A center for billiards players and archers is on the plus side, as is the athletics facility that opened last summer, including a functional building. The very latest achievement is the purchase of a property in the Bad Schlema district and its conversion into a Ringer stronghold with three mats, fitness rooms and a sauna.

The sports facility is open to both Bundesliga athletes and all other fighters. Club President Leonhardt is certain that the department will have excellent quarters “for the next three decades”.

The word of investment backlog is a foreign word at “Wismut Aue”. Incidentally, one of the main reasons why the number of club members has even increased compared to last year.

Internal communication about focus

In addition, with a total budget of around 20 million euros per year, one is financially relatively independent. An economic good that is particularly important to the people of the Erzgebirge in view of the pandemic and lockdowns. Always provided that the buddy character can still be relied on and cancellations remain the exception.

So that the numbers remain stable even in times of athletic passivity, the office is now focusing more on internal communication within the club. Regular video switching with the division heads and contacts of the members via social media represent an important “normality in the abnormal”.

For Voigt, this is a crucial part of the philosophy of life and reflection at FC Erzgebirge during the pandemic – just like the common cheer, trembling and fingers crossed during the games of professional footballers who are allowed to continue playing in the 2nd Bundesliga despite lockdown.
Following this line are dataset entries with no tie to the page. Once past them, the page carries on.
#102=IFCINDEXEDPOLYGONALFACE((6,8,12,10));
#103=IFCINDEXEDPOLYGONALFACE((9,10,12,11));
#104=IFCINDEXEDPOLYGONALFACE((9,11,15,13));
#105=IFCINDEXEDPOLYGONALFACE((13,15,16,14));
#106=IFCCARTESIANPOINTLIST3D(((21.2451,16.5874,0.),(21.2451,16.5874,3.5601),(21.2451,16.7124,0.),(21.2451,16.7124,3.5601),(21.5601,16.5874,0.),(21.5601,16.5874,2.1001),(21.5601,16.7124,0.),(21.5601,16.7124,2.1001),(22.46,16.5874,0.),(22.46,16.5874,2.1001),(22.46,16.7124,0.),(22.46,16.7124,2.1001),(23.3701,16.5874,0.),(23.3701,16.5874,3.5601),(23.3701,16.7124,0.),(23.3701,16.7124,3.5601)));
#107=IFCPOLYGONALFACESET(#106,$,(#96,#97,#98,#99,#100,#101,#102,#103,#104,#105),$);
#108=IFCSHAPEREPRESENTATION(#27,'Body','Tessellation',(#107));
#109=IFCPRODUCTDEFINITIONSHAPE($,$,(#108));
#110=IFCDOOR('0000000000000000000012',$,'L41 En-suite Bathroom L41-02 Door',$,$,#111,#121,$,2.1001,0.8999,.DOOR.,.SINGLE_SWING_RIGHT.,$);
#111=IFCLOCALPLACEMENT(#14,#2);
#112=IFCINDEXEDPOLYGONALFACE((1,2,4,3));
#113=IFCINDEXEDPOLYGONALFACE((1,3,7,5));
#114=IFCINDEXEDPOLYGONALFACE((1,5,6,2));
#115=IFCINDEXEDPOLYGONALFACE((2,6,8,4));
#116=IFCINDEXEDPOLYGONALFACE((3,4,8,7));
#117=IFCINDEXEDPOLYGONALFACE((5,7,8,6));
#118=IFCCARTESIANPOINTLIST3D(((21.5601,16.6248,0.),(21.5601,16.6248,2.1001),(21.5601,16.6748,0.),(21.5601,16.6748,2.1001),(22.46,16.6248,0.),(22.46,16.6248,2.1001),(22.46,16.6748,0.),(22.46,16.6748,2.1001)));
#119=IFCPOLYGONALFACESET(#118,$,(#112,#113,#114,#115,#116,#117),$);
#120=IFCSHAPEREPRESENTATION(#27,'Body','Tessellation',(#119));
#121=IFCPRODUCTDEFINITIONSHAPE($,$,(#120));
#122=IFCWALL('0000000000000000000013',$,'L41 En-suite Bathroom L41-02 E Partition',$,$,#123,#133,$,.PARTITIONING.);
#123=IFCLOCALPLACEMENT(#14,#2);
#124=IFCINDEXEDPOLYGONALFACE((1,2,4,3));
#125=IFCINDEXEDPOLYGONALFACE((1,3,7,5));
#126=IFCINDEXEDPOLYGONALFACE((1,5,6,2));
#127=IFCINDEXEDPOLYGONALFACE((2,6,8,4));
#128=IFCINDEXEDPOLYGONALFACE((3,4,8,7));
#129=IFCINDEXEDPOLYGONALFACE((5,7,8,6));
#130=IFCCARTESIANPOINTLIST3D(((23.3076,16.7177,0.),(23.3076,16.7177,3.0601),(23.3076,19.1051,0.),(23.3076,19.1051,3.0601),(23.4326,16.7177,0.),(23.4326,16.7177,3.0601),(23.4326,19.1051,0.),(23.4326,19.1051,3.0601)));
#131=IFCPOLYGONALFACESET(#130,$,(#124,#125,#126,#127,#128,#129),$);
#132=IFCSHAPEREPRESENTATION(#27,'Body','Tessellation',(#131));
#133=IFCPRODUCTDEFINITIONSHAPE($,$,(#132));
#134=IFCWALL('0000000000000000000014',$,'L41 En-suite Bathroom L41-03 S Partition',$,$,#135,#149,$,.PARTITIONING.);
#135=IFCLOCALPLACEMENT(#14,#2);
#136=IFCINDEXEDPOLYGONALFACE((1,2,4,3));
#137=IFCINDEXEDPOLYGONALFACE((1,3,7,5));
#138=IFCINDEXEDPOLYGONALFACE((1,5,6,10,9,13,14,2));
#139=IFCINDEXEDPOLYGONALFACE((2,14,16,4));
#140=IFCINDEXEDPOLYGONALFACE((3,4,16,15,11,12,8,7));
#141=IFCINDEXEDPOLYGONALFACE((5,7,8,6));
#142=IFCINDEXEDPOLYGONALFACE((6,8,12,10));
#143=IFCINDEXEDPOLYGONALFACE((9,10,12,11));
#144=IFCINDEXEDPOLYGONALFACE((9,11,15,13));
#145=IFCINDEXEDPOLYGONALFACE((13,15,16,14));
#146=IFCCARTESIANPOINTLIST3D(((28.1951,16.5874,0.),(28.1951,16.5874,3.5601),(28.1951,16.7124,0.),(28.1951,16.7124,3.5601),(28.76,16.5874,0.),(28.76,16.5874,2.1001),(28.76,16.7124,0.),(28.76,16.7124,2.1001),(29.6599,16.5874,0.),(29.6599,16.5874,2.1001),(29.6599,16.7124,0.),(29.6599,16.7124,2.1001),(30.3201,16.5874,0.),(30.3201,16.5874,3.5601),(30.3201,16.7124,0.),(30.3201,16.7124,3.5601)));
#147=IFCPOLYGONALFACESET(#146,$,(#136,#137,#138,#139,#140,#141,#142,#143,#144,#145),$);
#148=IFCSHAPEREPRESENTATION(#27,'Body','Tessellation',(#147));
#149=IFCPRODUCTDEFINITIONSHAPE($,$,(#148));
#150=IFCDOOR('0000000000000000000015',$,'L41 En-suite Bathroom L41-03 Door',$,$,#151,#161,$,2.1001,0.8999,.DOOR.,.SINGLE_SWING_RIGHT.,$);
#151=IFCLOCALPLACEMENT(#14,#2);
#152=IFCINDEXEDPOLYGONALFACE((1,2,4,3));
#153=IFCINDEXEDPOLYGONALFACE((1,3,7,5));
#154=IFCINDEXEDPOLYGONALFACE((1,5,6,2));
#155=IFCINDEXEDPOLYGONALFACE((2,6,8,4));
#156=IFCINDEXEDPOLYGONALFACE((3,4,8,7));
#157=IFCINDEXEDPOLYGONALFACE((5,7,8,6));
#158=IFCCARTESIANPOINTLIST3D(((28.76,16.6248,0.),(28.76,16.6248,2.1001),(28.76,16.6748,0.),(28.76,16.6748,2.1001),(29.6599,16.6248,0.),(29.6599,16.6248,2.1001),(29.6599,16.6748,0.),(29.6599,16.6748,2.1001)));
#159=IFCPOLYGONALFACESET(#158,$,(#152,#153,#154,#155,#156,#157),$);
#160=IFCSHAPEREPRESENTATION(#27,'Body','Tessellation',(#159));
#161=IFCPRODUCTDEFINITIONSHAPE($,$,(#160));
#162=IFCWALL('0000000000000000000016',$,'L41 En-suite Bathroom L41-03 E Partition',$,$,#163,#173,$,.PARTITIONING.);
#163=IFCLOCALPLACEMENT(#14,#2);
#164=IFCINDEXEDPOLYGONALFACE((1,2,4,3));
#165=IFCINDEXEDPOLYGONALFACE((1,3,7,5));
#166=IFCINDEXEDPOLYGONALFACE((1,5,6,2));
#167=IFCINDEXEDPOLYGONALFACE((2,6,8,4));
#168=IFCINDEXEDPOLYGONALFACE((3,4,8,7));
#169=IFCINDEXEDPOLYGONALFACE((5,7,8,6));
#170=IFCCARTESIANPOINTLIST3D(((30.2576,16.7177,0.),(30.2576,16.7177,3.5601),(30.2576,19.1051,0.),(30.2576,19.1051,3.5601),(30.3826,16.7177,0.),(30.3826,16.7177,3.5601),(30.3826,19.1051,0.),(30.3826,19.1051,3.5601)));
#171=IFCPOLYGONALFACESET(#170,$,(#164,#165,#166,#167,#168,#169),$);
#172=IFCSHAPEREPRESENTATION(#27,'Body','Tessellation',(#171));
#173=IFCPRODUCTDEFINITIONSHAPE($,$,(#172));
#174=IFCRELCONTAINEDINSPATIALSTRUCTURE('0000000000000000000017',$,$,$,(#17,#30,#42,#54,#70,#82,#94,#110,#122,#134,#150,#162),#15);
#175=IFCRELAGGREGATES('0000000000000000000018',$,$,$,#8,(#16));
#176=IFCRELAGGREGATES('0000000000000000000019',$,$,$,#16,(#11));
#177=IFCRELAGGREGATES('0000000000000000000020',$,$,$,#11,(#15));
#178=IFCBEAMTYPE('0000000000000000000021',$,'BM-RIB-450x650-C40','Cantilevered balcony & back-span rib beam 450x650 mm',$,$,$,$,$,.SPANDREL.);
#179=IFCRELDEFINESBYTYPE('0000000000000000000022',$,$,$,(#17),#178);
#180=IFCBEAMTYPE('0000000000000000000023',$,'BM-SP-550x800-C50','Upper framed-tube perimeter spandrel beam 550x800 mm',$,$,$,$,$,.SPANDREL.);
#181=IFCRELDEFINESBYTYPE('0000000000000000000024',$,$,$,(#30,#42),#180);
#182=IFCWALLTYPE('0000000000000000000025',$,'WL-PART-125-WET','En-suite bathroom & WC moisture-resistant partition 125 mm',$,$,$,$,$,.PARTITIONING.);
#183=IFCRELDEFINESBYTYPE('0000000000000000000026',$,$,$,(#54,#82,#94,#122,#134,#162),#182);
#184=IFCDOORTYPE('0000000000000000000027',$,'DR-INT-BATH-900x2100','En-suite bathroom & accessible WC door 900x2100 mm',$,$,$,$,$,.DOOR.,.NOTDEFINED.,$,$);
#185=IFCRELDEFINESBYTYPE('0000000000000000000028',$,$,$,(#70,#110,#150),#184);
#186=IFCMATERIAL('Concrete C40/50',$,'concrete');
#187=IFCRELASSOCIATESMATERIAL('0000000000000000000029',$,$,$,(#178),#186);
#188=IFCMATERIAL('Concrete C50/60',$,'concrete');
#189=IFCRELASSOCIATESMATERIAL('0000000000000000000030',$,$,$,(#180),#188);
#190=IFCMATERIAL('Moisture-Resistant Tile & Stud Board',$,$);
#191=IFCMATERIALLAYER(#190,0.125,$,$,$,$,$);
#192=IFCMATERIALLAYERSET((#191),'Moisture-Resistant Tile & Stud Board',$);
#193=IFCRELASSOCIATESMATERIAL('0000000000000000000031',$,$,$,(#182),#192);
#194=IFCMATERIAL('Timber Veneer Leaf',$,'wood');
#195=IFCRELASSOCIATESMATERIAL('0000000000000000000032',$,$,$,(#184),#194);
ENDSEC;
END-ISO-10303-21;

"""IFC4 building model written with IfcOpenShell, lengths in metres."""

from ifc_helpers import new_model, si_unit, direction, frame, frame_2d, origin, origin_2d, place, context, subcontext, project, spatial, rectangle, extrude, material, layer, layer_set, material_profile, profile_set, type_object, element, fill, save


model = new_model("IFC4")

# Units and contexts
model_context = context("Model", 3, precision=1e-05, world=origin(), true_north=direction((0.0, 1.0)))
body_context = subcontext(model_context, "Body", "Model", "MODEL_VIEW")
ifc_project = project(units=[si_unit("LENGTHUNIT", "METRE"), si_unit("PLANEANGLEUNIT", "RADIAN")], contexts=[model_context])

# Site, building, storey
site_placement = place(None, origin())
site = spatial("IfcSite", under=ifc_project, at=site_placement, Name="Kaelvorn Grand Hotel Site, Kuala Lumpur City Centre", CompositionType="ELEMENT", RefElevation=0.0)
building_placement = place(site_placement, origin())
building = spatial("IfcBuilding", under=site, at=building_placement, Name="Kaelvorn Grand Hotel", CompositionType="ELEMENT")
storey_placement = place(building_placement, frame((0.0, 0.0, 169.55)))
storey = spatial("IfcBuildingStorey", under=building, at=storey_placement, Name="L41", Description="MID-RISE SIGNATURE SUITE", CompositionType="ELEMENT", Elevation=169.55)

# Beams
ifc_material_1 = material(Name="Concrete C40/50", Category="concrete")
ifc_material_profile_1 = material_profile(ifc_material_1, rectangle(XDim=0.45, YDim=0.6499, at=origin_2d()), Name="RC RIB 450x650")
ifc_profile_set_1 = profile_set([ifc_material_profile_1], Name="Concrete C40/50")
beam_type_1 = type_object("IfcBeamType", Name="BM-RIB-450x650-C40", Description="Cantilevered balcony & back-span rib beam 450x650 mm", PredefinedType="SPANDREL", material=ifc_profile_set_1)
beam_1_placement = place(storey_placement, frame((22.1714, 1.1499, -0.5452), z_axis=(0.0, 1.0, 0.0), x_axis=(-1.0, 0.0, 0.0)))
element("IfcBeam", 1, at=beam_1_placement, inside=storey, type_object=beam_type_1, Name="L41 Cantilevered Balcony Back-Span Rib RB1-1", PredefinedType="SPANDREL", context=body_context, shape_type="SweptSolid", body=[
Fan for both emotional and rational reasons

The unequal treatment causes stomach ache for some. “In my opinion, that’s not solidary. Why is the Bundesliga allowed to play when restaurants and all of our popular sports and a lot of other things have to close, ”comments Heiko Peter, the head of the ski division, critically.

He is split – because, on the other hand, he knows about local economic issues, which archer Maren Unger describes without frills. “The money comes in through football,” she says. The club is not only a fan of professional footballers from an emotional point of view, the patriotism also has rational reasons.

The team is currently in sixth place in the table and is, if you will, number three in East German football behind RB Leipzig and Union Berlin. “If our footballers are doing well, then the whole club is doing well, and that’s good for the entire region,” says District Office spokesman André Beuthner, summarizing the situation.

Germany-wide unique constellation

This is precisely why regional politicians have used around 20 million euros – without funding – to completely modernize the arena in Lößnitzgrund between 2015 and 2018 and to expand it with a fan shop and the performance center for young footballers.

Incidentally, the owner of the neat stadium is the district. “This constellation,” says the man from the district administration and himself a member of FC Erzgebirge Aue, “is certainly unique in Germany.”